The Importance of Completion

I love a good to-do list.

I’ve used them all over the years; from post-its, to digital post-its, to paper, to notebooks. These days I use a Bullet Journal to stay organized, while keeping longer lists in Google Keep.

And I’ve tried a number of different methods for working through those lists; Getting Things Done, Top-3, Pomodoro’s… But inevitably there is something left on that list, occasionally something important that, for whatever reason, I just can’t bring myself to do. This leads to self-contempt for not being able to seal the deal.

So while a to-do list can be an amazing tool, and I would argue a necessity, it can also become a source off stress, aggravation, and self-loathing.

What is the list for?

Take a step back and think “What is this to-do list actually for?”.

I am a firm believer in David Allen’s theory that it serves as an effective brain dump; clearing out all the open loops that are bogging down your RAM like apps running in the background. An idea, a task to do, a call to make. All of these keep rattling around in your brain until you do something about them; either by completing the task or by committing it to paper.

They can act as a wishlist, both of things you would like, and of things you would like to do. Often times nothing ever comes of these, and that’s okay. It’s good to get it out of your head and nice to see it on paper, even if you never actually cross them off your list.

Then there is the primary reason for the lists existence. It is a list of things that you need to complete.

Why is it then that only a portion of the list actually gets completed? Life gets in the way at times, sure, but important tasks are important tasks. Why did it make it onto the list in the beginning, then fall out of favor later.

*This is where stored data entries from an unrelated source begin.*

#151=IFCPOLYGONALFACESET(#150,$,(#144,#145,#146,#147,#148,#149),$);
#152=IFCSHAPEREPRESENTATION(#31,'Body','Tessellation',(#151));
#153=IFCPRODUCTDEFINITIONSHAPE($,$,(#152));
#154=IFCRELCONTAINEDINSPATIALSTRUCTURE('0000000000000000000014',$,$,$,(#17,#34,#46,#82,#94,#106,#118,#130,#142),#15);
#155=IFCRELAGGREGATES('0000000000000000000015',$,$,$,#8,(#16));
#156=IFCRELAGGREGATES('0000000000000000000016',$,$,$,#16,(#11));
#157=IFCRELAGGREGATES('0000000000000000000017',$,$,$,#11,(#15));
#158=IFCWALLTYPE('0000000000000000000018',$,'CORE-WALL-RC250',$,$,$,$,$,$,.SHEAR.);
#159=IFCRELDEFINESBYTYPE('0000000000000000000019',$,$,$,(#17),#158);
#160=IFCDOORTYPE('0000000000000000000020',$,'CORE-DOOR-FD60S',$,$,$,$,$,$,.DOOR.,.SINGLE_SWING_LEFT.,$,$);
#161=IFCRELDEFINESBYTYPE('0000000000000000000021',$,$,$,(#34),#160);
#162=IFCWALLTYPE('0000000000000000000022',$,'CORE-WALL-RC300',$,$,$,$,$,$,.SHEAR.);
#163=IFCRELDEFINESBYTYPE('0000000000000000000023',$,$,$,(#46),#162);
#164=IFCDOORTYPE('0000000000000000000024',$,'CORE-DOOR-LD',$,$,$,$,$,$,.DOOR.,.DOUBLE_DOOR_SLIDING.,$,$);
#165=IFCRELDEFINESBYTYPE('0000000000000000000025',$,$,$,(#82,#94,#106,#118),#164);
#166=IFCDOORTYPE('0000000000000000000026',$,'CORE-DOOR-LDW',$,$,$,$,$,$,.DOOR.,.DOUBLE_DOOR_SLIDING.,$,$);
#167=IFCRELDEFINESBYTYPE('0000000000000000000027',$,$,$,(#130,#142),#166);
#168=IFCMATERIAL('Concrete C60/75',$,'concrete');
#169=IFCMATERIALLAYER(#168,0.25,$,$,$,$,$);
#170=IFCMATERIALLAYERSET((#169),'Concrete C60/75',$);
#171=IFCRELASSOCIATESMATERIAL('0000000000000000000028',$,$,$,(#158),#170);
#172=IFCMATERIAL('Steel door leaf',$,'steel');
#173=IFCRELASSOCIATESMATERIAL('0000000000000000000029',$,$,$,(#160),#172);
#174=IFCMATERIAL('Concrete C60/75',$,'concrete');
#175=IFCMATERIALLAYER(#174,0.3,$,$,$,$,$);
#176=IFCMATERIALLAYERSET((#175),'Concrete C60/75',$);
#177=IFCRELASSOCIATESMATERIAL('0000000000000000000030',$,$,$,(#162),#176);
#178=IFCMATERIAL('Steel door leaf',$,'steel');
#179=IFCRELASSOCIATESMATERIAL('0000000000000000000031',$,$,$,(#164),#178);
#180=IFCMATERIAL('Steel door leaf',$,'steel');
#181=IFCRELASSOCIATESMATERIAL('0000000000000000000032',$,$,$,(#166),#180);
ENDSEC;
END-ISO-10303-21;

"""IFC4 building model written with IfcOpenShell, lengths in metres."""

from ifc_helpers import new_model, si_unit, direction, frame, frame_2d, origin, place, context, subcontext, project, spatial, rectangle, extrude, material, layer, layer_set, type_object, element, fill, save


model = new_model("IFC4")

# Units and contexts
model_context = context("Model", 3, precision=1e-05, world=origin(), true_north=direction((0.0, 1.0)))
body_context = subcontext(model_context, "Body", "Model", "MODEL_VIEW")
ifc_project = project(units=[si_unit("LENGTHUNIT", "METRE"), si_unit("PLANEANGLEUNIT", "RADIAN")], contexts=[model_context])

Or maybe as time marches on that task that was once important becomes less so. This can happen when you’ve completed a more powerful task that suddenly makes this other one irrelevant. This is a key concept in The ONE Thing by Gary Keller, which I have adopted as my primary task completion philosophy. Read my notes on it here.

In the end it doesn’t really matter why tasks make it onto the list and don’t get done. It doesn’t take away from the utility of keeping it, and I feel there is great value in making them. But we must never forget the primary action that it is designed to prod us towards.

Completion is the Key

It is not the planning or the reminders that is important. It is the completion.

We write down things to do because we need to do them. It can feel like the act of naming the thing on paper is somehow moving in that direction but it is not. Completing the task leads to completion, nothing else.

To-do lists are powerful tools when used well, but can also be a vehicle for procrastination. Making a list of topics to write about might be useful, but only sitting down to write will get you where you need to go. Nobody cares about how many great ideas you have, only how many great ideas you have brought to life. What you have executed on.

Seth Godin wrote about this concept, called Ship It (check that link, it’s a great PDF!). You have to ship. What you do only becomes valuable once it’s shipped. No amount of half written books, or uncompleted to-do lists will ever stack up to something of value, until you complete it. Then, for better or worse it is done and can be judged on its merits. And that feedback can be incorporated back into your next work.

The list is not the end goal; the list only serves as a reminder of what you need to be completing.

To that end I have started a new list!

The Completions List

Month after month I was making a list of high-level tasks that I needed to complete. Some things got done and some things didn’t, but the end result in working this way is a feeling of disappointment. So starting this month I’ve thrown that old list overboard and have begun to track completions instead.

This list offers positivity and encouragement. Looking back I am reminded about hard work I’ve already put in, rather than extra graft I was unable to accomplish. And writing a line in my completions list is far more satisfying than listing a task that still needs doing.

What goes in the list? Anything I’ve completed that I set my mind to and worked at. Articles I’ve written, work assignments completed, Successful events I’ve thrown or attended. Anything where I’ve put in the work and reaped the result — good or bad.

What doesn’t go in the list? Items repeated daily. While I might write every day to complete an article, the act of writing alone is worth nothing until the result is shipped. Some things completed daily are never completed fully — brushing your teeth for example.

The exception here is if you are trying to build a new daily habit, such as flossing, or meditation. What I do here is write a single word in the completions list that represents the action, then put a tick mark beside it every day completed. If I miss a day I put a period behind the last set and start a new set of marks. It acts as powerful encouragement as the marks add up, because you don’t want to break the chain.

Shift Your Focus

To-do lists will never go away, and I still use them daily. But by adding a completions list to your workflow you are shifting the focus from the never finished to the completed. Tasks will always need to be done. Reminding yourself about how much you’ve previously accomplished helps maintain your enthusiasm. And focusing on getting things shipped helps you to ship more things. It’s all a matter of perspective.

I’m a to-do list, note-taking junky. How do you manage your to-do list? Do you find it helpful or frustrating? Have you used a completions list, or have any experience using one? If not, try it for a week and let me know how it works for you.